The idea of two things happening at the same time, simultaneity, depends on the observer’s relative motion!

Lorentz Transforms

Lorentz transforms are the equations that tell us how positions and times in one reference frame look to someone in another reference frame. Assuming that the second frame is moving only in the x-axis (to keep things simple), the transformations are:

t' = \gamma (t + \frac{vx}{c^2})
x' = \gamma (x + vt)
y' = y
z' = z

In this case, the variable \gamma is called the Lorentz factor, and it’s given by \gamma = (\sqrt{1-\frac{v^2}{c^2}})^{-1}. The Lorentz factor influences how much we have to care about special relativity. When the speed v is small, the Lorentz factor is close to 1 and we can assume Galilean relativity to make things easy on ourselves.

One of the most important implications of special relativity is that time is not fixed. That means we have to adapt our Pythagorean equality from the Galilean case. In special relativity, there’s still a triangle equality, but it incorporates the time dimension! A triangle drawn in space will have h^2 = x^2 + y^2 + z^2 - c^2t^2.

Yes, everyone finds it weird that time is treated like negative space.

Momentum in special relativity

The Lorentz transforms let an observer calculate lengths and times in another reference frame, assuming they know how it moves relative to them.

Once you can do that, you might ask if there are similar transforms for energy and momentum. Remember that the kinetic energy of a moving object is KE = \frac{1}{2} mv^2. The momentum is just p=mv.
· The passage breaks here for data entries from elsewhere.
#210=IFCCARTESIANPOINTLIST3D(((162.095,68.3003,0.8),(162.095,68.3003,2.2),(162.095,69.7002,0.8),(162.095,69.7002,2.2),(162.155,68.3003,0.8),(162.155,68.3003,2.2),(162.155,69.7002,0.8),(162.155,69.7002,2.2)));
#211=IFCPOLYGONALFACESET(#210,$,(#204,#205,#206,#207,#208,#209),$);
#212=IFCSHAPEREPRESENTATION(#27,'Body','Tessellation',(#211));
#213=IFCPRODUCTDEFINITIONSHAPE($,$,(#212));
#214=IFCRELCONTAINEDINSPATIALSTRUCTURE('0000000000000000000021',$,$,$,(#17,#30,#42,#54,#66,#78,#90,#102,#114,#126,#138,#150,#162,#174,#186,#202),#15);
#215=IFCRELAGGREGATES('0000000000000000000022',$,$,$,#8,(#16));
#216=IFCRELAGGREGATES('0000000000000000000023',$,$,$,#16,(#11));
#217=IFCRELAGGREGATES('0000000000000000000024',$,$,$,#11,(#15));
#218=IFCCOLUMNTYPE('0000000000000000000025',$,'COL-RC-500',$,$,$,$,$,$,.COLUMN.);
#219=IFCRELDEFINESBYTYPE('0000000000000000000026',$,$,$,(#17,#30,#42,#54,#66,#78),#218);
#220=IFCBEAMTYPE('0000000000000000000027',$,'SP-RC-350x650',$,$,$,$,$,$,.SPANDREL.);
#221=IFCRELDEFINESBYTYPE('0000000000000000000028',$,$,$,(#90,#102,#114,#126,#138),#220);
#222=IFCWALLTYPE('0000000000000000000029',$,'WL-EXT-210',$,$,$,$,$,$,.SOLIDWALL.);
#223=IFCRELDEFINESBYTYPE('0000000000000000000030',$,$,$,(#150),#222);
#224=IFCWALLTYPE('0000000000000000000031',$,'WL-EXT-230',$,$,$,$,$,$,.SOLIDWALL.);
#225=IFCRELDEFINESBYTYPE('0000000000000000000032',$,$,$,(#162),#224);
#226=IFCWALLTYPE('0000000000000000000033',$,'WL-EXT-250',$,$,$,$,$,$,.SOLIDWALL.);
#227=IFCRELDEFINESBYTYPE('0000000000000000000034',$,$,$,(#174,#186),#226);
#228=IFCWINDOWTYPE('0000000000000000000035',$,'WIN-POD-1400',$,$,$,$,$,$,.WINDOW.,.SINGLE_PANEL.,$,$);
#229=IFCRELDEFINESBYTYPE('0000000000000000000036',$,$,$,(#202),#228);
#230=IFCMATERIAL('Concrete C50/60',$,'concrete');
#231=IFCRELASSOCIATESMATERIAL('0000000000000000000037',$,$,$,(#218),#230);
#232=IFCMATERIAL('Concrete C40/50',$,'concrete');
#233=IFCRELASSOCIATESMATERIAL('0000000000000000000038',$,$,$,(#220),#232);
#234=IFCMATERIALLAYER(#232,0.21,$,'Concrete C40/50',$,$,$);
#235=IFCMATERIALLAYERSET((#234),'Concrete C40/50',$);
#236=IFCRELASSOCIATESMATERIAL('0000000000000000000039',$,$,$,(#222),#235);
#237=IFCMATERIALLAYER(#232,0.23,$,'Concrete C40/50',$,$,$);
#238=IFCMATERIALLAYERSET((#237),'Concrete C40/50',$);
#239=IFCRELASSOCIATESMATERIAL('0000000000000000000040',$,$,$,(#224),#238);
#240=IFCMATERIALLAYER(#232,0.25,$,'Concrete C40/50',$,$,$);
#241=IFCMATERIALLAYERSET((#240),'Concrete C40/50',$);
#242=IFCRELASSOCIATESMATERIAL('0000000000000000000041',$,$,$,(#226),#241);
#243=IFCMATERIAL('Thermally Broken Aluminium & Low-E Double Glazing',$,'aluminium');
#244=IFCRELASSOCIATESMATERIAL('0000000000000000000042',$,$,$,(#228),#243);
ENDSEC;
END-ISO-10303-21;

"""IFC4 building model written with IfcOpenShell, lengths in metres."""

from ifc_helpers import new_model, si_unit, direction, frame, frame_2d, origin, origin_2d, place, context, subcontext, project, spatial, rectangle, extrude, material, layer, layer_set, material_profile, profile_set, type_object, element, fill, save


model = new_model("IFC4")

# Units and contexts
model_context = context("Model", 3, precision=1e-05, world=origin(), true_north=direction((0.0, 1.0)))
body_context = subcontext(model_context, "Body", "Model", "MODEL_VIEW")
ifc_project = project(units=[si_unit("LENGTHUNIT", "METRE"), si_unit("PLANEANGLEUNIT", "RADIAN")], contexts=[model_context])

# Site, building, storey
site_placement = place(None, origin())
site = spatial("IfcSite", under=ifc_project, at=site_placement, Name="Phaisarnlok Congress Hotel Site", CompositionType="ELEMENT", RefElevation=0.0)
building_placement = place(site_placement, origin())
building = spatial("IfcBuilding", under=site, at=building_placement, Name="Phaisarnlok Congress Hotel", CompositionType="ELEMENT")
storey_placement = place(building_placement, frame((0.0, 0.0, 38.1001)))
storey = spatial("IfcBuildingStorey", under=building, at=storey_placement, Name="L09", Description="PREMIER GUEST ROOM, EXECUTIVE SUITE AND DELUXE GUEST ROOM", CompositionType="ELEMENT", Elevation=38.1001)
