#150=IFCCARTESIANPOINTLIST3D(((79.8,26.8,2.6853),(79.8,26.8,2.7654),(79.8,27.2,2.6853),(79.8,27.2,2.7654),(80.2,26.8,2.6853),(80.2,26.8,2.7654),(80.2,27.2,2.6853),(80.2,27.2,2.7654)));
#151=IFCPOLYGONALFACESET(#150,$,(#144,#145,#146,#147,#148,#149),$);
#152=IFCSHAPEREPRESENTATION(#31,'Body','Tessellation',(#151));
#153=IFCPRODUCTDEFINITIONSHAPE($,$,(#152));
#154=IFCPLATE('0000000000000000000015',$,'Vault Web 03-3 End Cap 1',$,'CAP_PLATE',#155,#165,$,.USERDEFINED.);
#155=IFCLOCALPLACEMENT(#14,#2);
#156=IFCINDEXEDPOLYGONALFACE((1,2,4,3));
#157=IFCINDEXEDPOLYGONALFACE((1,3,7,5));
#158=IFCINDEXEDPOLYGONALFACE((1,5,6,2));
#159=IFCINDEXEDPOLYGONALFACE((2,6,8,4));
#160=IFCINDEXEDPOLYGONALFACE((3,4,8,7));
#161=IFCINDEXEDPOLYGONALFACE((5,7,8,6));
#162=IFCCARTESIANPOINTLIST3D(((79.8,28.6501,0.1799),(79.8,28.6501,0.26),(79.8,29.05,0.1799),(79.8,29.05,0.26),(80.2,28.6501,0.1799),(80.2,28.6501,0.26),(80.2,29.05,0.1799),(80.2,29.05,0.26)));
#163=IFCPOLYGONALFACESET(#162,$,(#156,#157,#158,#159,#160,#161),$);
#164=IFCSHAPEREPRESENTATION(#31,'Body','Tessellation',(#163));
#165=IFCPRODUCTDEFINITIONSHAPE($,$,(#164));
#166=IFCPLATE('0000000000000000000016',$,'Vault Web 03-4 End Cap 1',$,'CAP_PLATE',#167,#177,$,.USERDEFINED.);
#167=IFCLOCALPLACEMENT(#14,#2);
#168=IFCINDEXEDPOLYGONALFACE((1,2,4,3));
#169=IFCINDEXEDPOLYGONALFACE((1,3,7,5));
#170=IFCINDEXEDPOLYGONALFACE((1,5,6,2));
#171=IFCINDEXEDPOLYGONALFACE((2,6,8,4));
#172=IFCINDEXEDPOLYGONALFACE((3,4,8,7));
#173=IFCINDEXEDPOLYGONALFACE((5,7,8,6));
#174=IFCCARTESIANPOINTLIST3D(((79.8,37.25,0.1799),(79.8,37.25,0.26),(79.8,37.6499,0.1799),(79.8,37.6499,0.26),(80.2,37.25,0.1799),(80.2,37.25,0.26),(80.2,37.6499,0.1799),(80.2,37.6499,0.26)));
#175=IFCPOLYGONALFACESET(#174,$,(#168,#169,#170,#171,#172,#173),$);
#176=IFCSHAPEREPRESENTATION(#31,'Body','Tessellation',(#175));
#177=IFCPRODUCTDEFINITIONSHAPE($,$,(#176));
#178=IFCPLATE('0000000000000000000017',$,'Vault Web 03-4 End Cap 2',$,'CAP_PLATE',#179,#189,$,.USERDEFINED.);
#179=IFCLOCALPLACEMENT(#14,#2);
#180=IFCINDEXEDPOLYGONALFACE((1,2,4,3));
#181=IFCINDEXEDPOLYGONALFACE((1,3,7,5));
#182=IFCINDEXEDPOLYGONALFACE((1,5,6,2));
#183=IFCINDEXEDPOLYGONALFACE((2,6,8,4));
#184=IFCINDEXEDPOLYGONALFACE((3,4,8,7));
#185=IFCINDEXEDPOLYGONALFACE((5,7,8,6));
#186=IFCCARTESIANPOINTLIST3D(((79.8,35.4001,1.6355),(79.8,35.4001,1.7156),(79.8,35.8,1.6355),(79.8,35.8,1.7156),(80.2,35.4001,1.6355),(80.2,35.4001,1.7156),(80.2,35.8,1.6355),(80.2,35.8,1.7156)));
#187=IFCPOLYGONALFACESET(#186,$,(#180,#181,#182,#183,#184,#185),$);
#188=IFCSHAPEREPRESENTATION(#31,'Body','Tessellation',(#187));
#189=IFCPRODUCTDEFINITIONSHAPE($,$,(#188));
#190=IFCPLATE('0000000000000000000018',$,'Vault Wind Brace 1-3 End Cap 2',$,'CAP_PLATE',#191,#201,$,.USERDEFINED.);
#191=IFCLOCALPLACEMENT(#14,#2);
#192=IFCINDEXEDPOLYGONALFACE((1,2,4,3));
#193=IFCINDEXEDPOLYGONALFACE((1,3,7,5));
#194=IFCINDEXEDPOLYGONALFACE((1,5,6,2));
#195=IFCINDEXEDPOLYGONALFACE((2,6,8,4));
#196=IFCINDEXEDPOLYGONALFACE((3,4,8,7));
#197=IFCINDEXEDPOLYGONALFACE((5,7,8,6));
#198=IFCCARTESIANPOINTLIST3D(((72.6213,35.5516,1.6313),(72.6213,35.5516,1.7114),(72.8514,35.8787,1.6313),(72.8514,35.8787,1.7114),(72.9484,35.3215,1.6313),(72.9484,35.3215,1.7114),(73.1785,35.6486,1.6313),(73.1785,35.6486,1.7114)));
If we know these values in one reference frame, can we calculate them in another?

The answer is yes, and the Lorentz transforms for momentum and energy are very similar to those for time and space.

E' = \gamma (E + vp)
p' = \gamma (p + \frac{vE}{c^2})

Let’s go back to our two hockey players on the ice. The goalie measures the velocity of the puck, its energy, and its momentum. We know that the winger sees a puck velocity of v. They should see energy and momentum that corresponds with that velocity.

Imagine now that the winger is skating along at the same velocity as the puck. Then Galileo would say that the winger measures a kinetic energy of KE = 0 and momentum of p = 0.
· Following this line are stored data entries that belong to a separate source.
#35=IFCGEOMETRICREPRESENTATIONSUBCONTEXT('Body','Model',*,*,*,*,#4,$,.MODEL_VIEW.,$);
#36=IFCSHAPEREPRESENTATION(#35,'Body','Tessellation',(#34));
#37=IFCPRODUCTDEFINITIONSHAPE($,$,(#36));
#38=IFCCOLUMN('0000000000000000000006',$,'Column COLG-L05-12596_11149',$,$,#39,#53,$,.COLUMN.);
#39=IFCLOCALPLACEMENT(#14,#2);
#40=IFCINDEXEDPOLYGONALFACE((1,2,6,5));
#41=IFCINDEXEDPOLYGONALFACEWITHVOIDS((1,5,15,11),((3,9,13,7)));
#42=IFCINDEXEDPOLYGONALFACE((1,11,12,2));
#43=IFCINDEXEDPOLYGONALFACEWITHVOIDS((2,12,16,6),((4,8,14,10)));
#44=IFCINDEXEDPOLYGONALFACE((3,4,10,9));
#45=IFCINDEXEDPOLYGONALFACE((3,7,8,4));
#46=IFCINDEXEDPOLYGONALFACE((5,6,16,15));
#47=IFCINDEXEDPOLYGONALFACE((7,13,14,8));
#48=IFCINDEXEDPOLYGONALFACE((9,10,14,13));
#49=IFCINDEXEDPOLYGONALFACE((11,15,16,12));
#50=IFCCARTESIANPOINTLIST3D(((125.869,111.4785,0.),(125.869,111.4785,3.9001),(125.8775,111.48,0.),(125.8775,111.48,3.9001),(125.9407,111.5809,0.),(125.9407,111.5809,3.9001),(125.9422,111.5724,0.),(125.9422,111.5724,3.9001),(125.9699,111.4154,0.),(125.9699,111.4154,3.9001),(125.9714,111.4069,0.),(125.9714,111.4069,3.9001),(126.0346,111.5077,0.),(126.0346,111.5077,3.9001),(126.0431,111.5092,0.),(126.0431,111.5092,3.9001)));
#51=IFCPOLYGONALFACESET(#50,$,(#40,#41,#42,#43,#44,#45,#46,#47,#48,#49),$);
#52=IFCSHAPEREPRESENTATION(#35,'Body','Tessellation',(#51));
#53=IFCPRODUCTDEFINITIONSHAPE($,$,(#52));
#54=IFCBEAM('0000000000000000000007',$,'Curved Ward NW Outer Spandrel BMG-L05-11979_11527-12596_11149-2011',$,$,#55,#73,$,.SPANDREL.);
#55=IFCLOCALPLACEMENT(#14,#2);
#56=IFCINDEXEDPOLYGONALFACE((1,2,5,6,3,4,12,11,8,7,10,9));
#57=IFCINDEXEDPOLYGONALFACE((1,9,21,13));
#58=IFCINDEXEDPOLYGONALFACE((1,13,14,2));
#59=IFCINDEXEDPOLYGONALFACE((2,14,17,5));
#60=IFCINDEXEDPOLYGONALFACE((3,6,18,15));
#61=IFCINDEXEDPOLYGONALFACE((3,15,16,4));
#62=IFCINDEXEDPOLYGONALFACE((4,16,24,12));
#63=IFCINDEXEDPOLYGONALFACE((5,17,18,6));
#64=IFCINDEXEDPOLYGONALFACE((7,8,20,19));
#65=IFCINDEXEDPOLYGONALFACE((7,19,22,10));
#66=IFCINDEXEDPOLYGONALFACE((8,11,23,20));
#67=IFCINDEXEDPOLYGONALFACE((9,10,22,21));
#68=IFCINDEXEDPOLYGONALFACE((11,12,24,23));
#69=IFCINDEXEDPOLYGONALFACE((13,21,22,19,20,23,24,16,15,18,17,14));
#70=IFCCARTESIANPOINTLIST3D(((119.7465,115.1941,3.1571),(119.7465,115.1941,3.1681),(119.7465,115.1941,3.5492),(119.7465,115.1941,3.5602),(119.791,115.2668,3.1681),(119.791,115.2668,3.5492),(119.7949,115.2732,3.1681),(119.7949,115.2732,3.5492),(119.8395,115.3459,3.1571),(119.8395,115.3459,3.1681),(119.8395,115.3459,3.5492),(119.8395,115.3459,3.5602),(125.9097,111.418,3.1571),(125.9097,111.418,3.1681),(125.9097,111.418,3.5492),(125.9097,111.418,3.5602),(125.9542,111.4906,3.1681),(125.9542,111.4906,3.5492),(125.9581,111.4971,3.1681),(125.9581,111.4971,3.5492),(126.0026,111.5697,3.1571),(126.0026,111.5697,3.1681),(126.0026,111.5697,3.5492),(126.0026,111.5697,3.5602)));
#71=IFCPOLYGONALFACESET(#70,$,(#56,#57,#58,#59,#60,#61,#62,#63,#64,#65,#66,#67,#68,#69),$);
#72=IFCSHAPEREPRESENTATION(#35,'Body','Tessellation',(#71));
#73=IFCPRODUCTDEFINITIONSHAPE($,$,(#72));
Let’s assume the winger is skating at a speed that’s small relative to c, so \gamma \approx 1. If the winger uses the Lorentz transforms to see what the goalie measures for energy and momentum, the winger calculates:

Energy measured by goalie (as incorrectly predicted by winger):
E' = \gamma (E + vp) \approx 1*(0+0v) = 0
Momentum measured by goalie (as *incorrectly* predicted by winger):
p' = \gamma (p + \frac{Ev}{c^2}) \approx 1*(0+\frac{0v}{c^2}) = 0

But the goalie actually sees the puck moving at velocity v and measures:

Energy actually measured by goalie = \frac{1}{2}mv^2 \neq 0
Momentum actually measured by goalie = mv \neq 0

This is no good. We want our transforms to all work nicely in every case. The way we fix this is by positing a rest energy. The puck at rest needs to have energy that transforms to what the goalie measures, so we can just back it out from the Lorentz transform and what we know the goalie sees.

Assume there exists a rest energy, E = mc^2

Then the winger makes some different predictions given his own measured rest mass.
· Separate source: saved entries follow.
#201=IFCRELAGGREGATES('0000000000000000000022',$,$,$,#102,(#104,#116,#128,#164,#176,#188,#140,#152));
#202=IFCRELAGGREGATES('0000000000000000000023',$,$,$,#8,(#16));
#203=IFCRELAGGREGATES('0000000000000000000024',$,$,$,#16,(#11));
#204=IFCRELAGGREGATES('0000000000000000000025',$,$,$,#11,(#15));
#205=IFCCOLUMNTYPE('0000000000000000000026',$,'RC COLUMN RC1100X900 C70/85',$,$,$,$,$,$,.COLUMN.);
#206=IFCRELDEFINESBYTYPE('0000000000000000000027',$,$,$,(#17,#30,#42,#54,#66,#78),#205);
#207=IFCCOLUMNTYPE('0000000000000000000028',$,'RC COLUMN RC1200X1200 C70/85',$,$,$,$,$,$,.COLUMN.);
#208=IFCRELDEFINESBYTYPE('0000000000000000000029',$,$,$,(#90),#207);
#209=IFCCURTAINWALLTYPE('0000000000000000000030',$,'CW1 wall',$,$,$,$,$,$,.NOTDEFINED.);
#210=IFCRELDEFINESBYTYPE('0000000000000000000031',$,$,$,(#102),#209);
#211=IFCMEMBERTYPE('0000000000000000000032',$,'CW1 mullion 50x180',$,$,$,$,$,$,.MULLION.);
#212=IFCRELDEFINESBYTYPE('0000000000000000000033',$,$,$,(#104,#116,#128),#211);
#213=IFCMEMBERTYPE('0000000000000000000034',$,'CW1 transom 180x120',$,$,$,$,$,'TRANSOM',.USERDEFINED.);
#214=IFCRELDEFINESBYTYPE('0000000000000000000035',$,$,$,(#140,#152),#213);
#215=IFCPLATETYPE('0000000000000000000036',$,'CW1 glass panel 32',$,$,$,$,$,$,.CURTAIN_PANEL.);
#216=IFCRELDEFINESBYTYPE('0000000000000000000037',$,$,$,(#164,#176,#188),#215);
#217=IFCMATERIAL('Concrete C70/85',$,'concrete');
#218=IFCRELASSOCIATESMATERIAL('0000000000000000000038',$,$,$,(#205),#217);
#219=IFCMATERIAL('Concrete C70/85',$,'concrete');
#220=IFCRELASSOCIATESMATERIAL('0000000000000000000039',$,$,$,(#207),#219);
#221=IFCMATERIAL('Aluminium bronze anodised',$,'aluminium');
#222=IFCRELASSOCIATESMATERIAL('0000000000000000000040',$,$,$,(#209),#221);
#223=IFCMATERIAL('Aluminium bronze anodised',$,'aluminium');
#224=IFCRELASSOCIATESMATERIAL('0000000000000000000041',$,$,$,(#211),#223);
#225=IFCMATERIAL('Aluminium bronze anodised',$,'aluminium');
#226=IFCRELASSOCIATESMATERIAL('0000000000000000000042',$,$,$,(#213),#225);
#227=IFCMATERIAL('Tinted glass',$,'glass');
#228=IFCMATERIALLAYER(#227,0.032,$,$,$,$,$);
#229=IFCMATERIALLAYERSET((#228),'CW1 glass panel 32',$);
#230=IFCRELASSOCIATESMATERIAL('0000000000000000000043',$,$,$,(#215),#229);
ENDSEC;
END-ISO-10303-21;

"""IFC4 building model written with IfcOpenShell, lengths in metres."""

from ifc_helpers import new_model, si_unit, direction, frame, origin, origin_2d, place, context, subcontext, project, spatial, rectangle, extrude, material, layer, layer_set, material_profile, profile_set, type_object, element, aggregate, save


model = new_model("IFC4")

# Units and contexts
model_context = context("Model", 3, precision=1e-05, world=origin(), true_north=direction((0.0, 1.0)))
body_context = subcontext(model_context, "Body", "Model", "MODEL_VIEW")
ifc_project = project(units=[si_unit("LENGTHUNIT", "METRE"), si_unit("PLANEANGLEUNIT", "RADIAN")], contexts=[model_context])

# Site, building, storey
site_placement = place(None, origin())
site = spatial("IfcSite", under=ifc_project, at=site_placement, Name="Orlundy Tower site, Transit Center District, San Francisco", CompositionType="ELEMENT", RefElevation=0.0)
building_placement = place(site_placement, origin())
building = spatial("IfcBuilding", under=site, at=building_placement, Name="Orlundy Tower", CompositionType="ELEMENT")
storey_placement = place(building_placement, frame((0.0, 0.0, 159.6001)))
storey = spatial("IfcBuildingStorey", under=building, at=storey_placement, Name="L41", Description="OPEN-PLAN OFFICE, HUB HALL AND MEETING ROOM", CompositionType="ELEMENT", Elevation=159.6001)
Energy measured by goalie (as predicted by winger):
E' = \gamma (E + vp) \approx 1*(mc^2+v*0) = mc^2
Momentum measured by goalie (as predicted by winger):
p' = \gamma (p + \frac{Ev}{c^2}) \approx 1*(0+\frac{mc^2v}{c^2}) = mv

Note that we approximated \gamma as 1, and since the additional energy \frac{1}{2}mv^2 is so small relative to the rest energy, it washes out in the energy conversion.

So we see that the idea of a rest energy is needed in order for reference frame transformations in special relativity to correctly predict the energy and momentum that would be measured in other frames.